CUANDO FUE GERENTE: “Mi época de gerente. Los departamentos de operaciones ahora son catorce, quince integrantes, en el final de los 90 era otro estilo. Adquirí mucha experiencia trabajando de cerca con Rafael Landestoy, Miguel y yo eramos los únicos y llevábamos las informaciones a los directivos don Miguelito se involucraba mucho. Por eso yo siempre he dicho que agradezco mucho a Landestoy, la forma en que yo veía el béisbol es diferente a como se ve desde afuera. Ellos como peloteros la ven de otras formas, o sea, las vivencias que ellos tienen y cómo manejar ese día a día con los peloteros. Yo creo que esas cosas que que vi con él, los que nos decía, todo lo anotamos en un libretica, detalles de contratos, acuerdos, comodidades, y así fue mi base”.

“Cuando Rafael se va por un desacuerdo con el presidente, me dan el puesto, Miguel Guerra estaba ocupado en la empresa familiar, y apenas estábamos a menos de dos semanas de iniciar la temporada y Don Miguel no quería a personas desde fuera del Licey y tuve que hacerme cargo”, sostuvo Fernan.

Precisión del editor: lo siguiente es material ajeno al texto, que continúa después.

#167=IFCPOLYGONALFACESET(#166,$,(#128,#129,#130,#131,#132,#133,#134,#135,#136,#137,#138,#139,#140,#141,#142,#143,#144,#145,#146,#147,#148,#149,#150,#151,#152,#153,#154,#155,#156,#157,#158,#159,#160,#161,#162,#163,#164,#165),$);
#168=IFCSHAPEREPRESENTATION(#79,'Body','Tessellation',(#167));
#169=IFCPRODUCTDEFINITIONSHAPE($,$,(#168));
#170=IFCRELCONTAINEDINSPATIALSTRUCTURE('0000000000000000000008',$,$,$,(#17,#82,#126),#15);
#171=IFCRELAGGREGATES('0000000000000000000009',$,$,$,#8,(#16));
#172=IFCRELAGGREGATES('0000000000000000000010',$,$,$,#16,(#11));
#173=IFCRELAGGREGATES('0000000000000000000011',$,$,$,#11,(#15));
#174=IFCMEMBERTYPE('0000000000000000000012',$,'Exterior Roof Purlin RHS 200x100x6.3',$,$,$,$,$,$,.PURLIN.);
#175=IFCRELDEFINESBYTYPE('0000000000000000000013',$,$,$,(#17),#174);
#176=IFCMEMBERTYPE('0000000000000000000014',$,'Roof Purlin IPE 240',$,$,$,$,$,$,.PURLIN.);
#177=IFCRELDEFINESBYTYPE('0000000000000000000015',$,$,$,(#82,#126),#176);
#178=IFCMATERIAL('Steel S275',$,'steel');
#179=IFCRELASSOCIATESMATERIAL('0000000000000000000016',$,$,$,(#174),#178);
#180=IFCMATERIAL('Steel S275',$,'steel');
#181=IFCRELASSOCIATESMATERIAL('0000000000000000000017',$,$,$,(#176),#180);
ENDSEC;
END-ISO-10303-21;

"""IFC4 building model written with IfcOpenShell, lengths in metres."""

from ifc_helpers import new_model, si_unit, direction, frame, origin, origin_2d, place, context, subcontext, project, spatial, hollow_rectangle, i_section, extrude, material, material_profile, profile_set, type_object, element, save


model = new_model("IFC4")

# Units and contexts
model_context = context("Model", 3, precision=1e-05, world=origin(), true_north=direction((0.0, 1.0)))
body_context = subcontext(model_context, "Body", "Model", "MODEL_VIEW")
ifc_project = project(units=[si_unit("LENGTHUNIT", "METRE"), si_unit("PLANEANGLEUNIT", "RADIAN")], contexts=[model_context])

“Comencé a ver desde adentro lo que yo de afuera a veces criticaba como fanático. Una transición complicada. Porque en materia de experiencia en el terreno de juego y directamente con los jugadores fue un salto. Vamos a decir que abismal. La situación no fue fácil, tuve que adaptarme y mantener a los peloteros contentos, estaba sustituyendo a uno de ellos, un gerente general que acababa de ganar un campeonato. No nos fue tan bien ese año. Nosotros no clasificamos, tuvimos a un juego de clasificar. Ese año había cinco equipos. Tuve que despedir a Ron Washington faltando una semana para terminar el campeonato. Teodoro Martínez llegó desesperado a la oficina que no podía más, ya mi posición estaba a disposición, yo era interino. En ese momento estaba tomando algo que no era un proyecto”, relata Ravelo.

“Me senté con el presidente y lo convencí de permitirme iniciar desde cero una temporada y desde ahí inició mi historia”, comenta.

SITUACIÓN DIFÍCIL: Como iba el Licey era el trato de los fanáticos, “Me insultaba, amenazaban, mi familia no podía salir a la calle. En los supermercados, todo fue tan difícil ese primer año, los fans estaban muy rabiosos. Mientras me ganaba el respeto de los peloteros con buenas relaciones humanas, porque de béisbol.muchos sabían más, en las calles y en el estadio la situación se complica, al punto que a una de mis hijas la agredieron verbalmente que no salía de la casa con miedo. A ese nivel de fanatismo llegan algunos”, declaró Fernando

Al final, Fernando confiesa que temió por la integridad de su familia y a veces en juegos difíciles los dejaba en la casa.